A broader search of fundraising committees connected to organizations bearing Trump’s name uncovered another nine New Haven donors, who didn’t necessarily target their dollars to The Donald. Of those, one contributed to a related joint fundraising committee called “Trump Make America Great Again.” The rest contributed to the Connecticut Republican Party, which is connected to a joint fundraising committee called “Trump Victory.”

For comparison, a search on the FEC database shows 183 people in New Haven contributing to Democratic presidential candidate Hillary Clinton. They made 914 contributions totaling $200,921.

Aliyya Swaby File PhotoThe Clinton donors listed include prominent Yale professors, city officials and community leaders, including John Bradley, CEO of Liberty Community Services, Emily Byrne, of the Housing Authority of New Haven, and Audrey Tyson, who was a Clinton delegate to the Democratic National Convention.

Look through the New Haven and Connecticut Trump and Clinton datasets, downloaded from this section of the FEC site. (Committees must submit a list of contributions that exceed $200, on reports to the FEC, said Julia Queen, FEC public affairs specialist. They are not required to disclose information for a contributor who has given less than $200, unless that contributor’s total sum of donations exceed that number. Some choose to disclose all contributions.)

Reilly, who is 52 years old, lives on Quinnipiac Avenue near the North Haven line. Unlike the local Clinton donors, she doesn’t exactly get high-fives from her neighbors.

She recalled descending the staircase after a rally at Hartford’s Convention Center in April to face hundreds of jeering protesters “screaming profanities” against Trump supporters.

That, she said, is one of the difficulties of being a Trump supporter in such a blue city and state. “They say Trump is preaching hate. The only hate I see is directed at me,” she said.

Trump moves forward in this national election followed by a long trail of controversies — including verbal attacks on women, Mexican immigrants, the sitting president and a military family—some of which drew equal-opportunity ire from both Democrats and Republicans.

According to Reilly, New Haven’s Trump supporters are hiding.
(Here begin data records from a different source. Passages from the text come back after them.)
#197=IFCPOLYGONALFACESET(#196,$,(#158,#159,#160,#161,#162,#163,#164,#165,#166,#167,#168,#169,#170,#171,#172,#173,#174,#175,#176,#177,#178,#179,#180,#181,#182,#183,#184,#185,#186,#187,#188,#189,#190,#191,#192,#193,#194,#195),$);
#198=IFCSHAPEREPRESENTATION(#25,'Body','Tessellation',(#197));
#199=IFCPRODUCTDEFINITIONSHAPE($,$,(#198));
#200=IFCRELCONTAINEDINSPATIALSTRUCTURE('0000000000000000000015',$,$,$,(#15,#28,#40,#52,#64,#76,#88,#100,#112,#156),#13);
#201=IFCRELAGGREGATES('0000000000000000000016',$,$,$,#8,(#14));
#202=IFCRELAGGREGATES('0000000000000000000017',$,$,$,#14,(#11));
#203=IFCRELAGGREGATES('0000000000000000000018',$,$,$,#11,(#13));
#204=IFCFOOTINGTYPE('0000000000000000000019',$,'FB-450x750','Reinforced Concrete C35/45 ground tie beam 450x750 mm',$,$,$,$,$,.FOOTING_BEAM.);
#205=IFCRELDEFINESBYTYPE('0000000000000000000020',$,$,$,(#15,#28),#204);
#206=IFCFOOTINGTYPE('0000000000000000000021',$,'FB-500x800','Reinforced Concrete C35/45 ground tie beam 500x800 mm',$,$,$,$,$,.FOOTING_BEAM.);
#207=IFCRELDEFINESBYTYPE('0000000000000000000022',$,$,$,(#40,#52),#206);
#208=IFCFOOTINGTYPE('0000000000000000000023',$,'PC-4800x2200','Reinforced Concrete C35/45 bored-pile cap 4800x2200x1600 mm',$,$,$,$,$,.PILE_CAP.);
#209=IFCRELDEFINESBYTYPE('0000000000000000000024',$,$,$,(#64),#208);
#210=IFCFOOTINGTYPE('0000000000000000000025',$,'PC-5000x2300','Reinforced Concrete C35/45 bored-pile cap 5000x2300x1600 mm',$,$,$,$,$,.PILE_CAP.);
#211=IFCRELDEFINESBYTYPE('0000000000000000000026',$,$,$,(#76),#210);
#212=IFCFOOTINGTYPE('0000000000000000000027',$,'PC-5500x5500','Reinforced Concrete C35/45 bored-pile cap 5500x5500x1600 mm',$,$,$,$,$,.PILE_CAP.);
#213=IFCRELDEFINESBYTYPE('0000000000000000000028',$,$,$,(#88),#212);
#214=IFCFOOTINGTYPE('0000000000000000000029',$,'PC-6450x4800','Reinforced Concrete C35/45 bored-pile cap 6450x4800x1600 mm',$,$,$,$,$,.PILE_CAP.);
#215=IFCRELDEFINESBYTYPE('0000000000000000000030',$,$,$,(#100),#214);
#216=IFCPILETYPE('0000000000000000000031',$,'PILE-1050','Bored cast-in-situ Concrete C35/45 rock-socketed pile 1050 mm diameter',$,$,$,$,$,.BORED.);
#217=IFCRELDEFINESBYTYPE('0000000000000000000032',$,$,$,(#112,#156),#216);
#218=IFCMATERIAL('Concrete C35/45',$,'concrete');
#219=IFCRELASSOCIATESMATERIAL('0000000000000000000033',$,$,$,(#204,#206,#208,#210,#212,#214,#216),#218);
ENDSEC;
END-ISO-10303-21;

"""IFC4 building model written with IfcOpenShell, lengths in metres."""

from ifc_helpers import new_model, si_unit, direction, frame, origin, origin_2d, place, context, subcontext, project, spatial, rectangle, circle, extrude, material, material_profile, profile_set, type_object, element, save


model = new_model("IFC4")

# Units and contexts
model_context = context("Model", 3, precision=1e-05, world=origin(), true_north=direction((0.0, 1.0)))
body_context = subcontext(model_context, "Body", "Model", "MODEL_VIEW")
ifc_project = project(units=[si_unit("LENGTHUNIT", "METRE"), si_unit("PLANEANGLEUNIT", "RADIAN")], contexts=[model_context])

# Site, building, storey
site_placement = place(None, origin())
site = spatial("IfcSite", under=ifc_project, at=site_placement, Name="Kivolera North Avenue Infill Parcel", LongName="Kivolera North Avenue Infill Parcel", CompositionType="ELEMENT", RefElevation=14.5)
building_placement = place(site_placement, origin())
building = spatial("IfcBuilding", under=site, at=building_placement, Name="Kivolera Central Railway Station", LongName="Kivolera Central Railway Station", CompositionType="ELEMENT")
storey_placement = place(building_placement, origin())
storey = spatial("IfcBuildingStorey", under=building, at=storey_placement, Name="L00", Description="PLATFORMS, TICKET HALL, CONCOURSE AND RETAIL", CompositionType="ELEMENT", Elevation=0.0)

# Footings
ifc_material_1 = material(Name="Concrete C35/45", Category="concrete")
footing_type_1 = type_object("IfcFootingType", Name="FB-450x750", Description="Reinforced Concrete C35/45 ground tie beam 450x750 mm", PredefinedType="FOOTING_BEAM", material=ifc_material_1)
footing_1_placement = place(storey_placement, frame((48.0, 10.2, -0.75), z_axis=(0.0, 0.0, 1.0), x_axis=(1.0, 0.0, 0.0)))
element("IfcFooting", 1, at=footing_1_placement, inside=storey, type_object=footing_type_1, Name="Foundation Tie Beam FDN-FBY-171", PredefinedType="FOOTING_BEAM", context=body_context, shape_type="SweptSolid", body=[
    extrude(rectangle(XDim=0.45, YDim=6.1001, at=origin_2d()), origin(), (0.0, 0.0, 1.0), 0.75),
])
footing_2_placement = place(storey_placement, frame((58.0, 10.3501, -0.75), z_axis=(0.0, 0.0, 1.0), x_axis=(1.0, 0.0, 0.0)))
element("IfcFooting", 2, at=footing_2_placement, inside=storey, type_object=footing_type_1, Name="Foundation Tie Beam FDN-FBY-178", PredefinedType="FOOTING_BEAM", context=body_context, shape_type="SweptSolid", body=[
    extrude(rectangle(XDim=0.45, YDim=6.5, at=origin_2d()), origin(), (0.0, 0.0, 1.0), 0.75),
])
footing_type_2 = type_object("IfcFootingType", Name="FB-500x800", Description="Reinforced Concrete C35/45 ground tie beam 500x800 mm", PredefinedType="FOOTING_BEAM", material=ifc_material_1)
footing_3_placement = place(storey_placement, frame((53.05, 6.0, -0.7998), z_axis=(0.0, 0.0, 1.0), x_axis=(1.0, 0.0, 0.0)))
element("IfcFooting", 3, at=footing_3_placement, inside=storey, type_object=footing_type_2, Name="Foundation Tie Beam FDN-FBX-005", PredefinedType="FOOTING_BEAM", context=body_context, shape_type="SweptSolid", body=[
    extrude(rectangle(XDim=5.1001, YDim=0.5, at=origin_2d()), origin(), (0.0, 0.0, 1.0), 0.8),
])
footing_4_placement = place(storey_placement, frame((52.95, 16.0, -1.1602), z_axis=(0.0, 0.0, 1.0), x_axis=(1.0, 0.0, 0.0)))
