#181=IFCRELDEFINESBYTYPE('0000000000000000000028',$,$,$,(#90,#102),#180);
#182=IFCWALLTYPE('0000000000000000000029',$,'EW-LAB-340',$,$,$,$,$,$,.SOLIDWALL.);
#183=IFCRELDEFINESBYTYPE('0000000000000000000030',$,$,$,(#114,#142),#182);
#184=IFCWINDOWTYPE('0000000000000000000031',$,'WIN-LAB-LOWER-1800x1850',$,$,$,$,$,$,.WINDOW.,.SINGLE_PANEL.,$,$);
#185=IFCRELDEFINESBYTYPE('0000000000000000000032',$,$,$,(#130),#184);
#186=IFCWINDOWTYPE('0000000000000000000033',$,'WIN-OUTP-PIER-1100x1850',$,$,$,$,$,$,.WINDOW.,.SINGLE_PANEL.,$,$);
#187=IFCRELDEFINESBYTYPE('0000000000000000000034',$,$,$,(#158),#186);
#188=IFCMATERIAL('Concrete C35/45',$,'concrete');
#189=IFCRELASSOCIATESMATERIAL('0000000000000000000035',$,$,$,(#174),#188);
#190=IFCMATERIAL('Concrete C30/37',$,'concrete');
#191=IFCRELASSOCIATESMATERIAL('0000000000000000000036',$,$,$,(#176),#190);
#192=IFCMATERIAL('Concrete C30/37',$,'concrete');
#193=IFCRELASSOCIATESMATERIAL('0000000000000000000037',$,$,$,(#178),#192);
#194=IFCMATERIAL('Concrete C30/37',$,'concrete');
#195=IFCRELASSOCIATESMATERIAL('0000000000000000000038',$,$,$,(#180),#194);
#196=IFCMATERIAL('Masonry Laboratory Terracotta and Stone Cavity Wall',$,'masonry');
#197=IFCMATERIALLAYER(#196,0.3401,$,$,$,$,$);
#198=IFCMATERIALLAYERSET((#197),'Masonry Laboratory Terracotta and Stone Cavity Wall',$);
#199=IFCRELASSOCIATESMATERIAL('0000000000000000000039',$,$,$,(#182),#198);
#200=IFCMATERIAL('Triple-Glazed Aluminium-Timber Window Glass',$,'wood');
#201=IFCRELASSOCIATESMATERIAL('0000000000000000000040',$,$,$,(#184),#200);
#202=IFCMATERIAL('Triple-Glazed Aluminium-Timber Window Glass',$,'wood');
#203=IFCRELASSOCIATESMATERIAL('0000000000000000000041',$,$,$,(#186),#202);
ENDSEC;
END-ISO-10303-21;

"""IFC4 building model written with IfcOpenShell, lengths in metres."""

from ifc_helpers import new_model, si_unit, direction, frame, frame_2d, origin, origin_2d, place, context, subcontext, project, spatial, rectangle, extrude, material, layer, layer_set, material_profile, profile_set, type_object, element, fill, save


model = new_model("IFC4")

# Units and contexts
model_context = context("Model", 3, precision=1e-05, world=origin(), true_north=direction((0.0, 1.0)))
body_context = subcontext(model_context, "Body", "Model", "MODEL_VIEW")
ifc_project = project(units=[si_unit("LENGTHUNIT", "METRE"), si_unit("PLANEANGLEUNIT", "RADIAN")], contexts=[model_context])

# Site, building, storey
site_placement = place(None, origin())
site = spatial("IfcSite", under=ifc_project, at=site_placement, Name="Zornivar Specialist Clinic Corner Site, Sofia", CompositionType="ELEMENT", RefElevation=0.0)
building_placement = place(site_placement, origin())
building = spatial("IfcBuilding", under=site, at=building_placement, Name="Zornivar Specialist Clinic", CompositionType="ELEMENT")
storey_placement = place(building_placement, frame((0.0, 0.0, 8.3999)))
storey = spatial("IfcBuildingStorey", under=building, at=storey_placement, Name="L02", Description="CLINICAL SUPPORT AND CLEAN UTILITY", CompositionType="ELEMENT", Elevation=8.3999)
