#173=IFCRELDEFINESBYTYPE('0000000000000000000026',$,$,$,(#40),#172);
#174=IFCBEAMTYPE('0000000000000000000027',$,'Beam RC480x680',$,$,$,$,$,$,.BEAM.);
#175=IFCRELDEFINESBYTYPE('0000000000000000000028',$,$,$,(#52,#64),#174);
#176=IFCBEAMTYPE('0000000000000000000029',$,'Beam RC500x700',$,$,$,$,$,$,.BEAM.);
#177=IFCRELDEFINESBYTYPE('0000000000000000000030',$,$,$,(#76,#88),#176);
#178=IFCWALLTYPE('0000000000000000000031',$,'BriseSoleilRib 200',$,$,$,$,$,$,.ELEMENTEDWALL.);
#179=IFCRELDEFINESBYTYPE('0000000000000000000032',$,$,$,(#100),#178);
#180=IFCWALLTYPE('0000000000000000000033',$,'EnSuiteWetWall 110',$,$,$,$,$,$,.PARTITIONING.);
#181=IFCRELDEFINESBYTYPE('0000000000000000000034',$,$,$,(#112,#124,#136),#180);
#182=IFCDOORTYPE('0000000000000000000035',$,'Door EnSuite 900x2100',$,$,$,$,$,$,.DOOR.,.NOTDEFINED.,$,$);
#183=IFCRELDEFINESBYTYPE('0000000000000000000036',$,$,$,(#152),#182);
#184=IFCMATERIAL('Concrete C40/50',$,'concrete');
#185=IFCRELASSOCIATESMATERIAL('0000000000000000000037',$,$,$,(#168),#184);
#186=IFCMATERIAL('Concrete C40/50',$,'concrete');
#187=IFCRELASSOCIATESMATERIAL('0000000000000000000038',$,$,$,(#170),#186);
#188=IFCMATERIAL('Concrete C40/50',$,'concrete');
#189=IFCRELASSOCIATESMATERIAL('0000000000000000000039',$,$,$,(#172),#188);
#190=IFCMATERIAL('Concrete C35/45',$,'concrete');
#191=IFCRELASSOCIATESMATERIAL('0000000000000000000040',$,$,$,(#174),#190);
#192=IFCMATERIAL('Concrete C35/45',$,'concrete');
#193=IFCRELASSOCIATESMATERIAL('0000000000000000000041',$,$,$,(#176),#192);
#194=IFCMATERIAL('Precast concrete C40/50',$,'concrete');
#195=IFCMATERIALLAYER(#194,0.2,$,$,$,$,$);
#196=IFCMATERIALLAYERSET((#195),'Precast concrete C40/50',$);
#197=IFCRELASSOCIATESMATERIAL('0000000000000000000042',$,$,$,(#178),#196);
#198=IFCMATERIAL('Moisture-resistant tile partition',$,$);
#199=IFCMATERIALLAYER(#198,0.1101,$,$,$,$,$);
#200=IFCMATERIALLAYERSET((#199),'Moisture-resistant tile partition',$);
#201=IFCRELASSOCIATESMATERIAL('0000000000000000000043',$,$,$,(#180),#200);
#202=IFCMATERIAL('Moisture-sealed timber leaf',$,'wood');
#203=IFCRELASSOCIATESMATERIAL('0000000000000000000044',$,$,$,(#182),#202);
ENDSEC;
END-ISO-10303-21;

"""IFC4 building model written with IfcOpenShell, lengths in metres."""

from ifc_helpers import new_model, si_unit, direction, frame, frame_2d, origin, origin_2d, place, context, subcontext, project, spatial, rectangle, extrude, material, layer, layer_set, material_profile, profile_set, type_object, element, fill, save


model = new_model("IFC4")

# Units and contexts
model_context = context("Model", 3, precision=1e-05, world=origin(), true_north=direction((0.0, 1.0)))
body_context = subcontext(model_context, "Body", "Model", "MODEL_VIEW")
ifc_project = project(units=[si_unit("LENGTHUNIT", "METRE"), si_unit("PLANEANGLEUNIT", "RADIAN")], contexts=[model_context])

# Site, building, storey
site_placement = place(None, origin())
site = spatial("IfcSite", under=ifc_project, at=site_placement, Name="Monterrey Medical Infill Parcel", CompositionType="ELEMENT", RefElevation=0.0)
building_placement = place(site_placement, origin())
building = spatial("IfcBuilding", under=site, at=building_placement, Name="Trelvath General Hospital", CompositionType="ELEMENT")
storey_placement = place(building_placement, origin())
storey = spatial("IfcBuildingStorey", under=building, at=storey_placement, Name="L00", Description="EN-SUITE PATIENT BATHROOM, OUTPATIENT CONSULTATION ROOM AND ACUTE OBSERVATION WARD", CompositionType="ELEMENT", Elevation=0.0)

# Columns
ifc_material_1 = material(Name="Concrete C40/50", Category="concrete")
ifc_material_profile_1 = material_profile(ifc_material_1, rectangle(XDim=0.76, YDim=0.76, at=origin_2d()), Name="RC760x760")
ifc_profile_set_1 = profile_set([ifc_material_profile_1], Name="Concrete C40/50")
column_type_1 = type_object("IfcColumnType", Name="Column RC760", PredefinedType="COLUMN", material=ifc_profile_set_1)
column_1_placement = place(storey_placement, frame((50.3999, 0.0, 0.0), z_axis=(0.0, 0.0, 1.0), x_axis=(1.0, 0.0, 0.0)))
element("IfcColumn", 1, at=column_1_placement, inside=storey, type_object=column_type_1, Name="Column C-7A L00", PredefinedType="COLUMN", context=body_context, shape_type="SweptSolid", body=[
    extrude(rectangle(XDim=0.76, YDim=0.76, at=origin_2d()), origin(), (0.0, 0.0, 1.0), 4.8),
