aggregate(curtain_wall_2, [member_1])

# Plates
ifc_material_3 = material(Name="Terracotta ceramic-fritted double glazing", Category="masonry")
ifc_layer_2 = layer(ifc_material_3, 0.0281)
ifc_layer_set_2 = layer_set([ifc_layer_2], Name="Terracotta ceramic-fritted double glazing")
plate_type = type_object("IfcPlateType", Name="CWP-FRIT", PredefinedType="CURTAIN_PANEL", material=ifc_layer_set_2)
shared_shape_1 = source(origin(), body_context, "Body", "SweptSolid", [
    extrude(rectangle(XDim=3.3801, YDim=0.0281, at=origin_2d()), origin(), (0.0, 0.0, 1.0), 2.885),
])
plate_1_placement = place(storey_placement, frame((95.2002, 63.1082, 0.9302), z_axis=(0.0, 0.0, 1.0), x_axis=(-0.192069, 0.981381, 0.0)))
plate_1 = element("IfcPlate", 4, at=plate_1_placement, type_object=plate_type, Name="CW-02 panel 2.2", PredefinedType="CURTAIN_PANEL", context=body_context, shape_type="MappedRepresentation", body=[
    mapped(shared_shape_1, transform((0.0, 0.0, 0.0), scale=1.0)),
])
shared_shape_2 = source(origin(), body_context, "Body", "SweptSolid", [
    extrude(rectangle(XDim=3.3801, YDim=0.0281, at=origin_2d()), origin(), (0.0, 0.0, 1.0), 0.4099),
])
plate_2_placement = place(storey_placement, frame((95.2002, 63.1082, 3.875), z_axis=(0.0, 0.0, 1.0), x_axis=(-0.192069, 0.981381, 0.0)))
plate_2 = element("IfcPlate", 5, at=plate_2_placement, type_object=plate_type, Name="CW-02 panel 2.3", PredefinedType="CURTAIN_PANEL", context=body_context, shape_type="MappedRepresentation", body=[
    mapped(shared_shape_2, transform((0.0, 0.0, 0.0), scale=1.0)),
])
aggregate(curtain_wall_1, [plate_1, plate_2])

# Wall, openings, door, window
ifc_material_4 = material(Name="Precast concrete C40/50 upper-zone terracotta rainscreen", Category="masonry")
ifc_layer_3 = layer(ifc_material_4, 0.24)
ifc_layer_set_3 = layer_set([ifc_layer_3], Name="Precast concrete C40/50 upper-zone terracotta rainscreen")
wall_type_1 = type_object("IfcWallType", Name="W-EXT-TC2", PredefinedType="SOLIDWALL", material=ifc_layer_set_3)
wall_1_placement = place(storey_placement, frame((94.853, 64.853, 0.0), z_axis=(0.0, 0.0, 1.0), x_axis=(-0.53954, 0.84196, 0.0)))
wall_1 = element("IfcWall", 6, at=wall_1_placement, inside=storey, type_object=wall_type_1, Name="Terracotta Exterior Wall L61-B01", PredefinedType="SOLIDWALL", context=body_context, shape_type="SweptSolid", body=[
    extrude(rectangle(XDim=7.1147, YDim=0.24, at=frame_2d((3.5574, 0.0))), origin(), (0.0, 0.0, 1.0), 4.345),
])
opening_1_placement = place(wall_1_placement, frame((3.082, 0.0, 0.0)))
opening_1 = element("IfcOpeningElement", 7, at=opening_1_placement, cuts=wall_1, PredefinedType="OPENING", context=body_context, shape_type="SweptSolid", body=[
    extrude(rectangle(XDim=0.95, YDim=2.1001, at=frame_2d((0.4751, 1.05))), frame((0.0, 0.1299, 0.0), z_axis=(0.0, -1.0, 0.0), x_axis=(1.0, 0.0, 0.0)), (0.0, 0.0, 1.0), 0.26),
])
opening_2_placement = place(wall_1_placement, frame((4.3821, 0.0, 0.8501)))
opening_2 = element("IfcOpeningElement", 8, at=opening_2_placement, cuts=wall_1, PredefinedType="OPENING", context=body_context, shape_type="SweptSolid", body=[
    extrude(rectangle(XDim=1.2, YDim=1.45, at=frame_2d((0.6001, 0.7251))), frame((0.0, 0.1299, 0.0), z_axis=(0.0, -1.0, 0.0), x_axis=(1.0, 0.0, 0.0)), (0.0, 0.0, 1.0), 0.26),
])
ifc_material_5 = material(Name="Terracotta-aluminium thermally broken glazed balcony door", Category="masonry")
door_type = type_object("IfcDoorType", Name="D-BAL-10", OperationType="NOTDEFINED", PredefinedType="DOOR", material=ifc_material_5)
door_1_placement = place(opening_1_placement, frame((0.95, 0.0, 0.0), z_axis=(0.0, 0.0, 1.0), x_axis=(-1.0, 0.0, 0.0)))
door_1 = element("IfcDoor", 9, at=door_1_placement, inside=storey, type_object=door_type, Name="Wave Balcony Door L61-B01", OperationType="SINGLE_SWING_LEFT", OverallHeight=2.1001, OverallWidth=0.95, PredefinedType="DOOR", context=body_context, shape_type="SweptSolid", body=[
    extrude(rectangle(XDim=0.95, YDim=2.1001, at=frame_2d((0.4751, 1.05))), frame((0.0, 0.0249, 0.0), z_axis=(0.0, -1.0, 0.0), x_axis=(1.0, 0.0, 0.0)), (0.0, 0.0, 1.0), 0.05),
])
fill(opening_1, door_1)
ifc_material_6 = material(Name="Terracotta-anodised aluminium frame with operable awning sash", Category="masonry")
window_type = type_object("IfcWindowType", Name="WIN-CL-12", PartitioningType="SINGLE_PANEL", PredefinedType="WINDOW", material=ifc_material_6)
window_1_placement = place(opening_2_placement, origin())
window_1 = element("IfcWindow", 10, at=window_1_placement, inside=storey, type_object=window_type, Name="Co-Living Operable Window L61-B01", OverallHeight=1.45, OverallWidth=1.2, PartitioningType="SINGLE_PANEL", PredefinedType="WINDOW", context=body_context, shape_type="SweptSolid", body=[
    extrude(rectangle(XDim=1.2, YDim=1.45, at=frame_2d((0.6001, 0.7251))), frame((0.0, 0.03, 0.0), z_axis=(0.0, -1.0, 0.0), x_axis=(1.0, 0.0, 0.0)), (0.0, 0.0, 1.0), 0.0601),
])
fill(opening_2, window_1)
Accused of being racists and misogynists, they’re in the closet, she said. But everywhere she goes, she meets someone who shares her views.

Reilly said she has also lost friends through her vocal support of Trump in person and on social media. Often, her detractors don’t want to talk through the issues, she said. “Instead it’s just screaming things and cursing. You can’t even have an intellectual discussion with someone that’s just screaming at you. You end up just un-friending them. I’m not going to get abused if you’re not willing to have a conversation to get where our interests are.”

Pro-Nationalist, Pro-Small Business

Contributed PhotoLast June, Reilly was skeptical of, yet fascinated by, the corporate mogul running for president against a slate of political elites. She watched on television as he announced his decision to throw his hat into the ring and she felt “kind of amazed at what he was saying.” She considers herself a “nationalist,” not a “globalist,” and she sees that mirrored in Trump’s politics.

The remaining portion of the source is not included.